From my perspective life would not have been any meaningfully different either
way if that phone stayed locked. I also can't image some future scenario where
it makes such a big deal. What type of information is going to be on some
laptop or smartphone that is so important it's worth compromising our general
civil rights? There is almost always a hundred human errors around the crime
already that they can piece it all together without godmode on every
electronic device. A smartphone is rarely an all encompassing security
mechanism for any big evil plot.

There is no 'backdoor' technology solution here that makes sense and they need
to get used to it.

------
gumby
The most concerning part to me is that this speech now prioritizes the
interests of individuals (he calls "consumers") below that of large
corporations and governments.

A country is made of people. In some ways we of course act as "consumers" but
that is not the beginning and end of what it means to be human. The
government's needs are not endogenous; the government's justification for
doing certain things is ultimately because people will be better off for it
(otherwise it's simply "might makes right)". In addition, corporations, at the
end of the day, get certain protections (and additional requirements as well)
as they are they are machines to help people achieve various ends (e.g.
providing goods, providing jobs, providing an opportunity to create wealth);
they are not primary actors in themselves.

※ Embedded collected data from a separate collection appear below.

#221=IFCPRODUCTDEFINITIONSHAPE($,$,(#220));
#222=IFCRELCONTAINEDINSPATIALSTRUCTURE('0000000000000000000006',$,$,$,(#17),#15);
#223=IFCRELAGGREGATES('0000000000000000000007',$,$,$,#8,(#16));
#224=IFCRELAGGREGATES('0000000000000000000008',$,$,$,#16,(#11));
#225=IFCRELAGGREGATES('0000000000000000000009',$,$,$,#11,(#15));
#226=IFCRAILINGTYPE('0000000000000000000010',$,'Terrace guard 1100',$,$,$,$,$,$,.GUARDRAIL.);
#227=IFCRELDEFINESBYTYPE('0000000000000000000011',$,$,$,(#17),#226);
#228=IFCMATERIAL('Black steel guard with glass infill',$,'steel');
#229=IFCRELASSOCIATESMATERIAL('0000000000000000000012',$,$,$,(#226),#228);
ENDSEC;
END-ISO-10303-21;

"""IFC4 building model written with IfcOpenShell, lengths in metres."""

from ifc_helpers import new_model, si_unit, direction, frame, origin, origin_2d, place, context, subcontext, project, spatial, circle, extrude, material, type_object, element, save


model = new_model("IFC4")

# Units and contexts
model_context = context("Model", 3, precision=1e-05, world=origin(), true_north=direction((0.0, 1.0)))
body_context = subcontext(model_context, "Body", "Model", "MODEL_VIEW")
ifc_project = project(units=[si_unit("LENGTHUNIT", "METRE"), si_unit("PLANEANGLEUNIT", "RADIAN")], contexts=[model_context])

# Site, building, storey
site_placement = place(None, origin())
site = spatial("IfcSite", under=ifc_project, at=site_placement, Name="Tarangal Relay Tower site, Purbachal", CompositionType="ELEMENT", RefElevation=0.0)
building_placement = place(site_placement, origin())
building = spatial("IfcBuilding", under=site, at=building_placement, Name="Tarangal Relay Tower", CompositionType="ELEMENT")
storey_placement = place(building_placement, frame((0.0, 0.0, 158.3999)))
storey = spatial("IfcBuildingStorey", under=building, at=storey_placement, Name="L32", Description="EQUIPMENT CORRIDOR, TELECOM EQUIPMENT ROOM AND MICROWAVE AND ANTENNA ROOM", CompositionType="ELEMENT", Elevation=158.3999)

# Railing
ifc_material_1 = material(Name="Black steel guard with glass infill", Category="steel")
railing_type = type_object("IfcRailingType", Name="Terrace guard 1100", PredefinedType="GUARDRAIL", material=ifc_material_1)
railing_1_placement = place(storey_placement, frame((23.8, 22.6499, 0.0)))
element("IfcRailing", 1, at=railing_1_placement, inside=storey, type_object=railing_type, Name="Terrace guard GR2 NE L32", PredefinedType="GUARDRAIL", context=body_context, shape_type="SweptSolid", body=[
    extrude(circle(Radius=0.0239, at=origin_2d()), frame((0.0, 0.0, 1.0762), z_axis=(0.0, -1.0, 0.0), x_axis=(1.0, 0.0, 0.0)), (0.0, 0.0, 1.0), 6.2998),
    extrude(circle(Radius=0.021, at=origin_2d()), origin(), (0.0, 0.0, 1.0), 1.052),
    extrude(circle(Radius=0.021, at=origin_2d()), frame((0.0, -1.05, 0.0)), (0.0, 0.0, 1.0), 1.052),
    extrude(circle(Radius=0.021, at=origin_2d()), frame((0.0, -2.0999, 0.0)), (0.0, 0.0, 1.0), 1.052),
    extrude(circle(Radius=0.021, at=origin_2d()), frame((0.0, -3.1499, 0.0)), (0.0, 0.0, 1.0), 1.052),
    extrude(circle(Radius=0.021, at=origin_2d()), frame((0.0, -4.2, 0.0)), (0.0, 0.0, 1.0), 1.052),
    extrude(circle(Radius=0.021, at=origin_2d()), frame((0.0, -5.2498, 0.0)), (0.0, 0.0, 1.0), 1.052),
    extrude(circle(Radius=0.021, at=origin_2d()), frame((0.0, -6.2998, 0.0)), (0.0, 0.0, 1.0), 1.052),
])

BTW my observation is not a comment on the specific politics of the past few
years; past AsG and FBI heads have given similar talks and inherently will
desire to achieve their job's objectives with the minimum of barriers. This
scary formulation just shows how the terms of discussion have shifted.

------
jamesmadison66
The discussion on this from the pro-encryption team has to move towards
explaining it in terms of national security, as national security is the
reasoning the anti-encryption group uses.

National security is a major trump card across parties and administration, and
will have to be responded to versus ignored, as that's where the argument is
coming from.

It's easy enough to explain that Russia has mathematicians, ISIS has
mathematicians the same way they had chemical engineers for the oil fields,
China/PLA has mathematicians, etc.

The same fear mongering that is allowing an anti-encryption argument to
advance can be used to fear monger right back towards encryption and be based
in truth: Russia and terrorists can access my chats.

For the pro-encryption crowd, we know this is actually feasible technically
and the end result of backdoors. We just have to explain it on common ground,
where the argument lives.

------
kbd
Matt Blaze spent yesterday discussing this on Twitter:

[https://twitter.com/mattblaze/status/1153708198718840832](https://twitter.com/mattblaze/status/1153708198718840832)

His Twitter feed is well worth a follow if you care about these issues.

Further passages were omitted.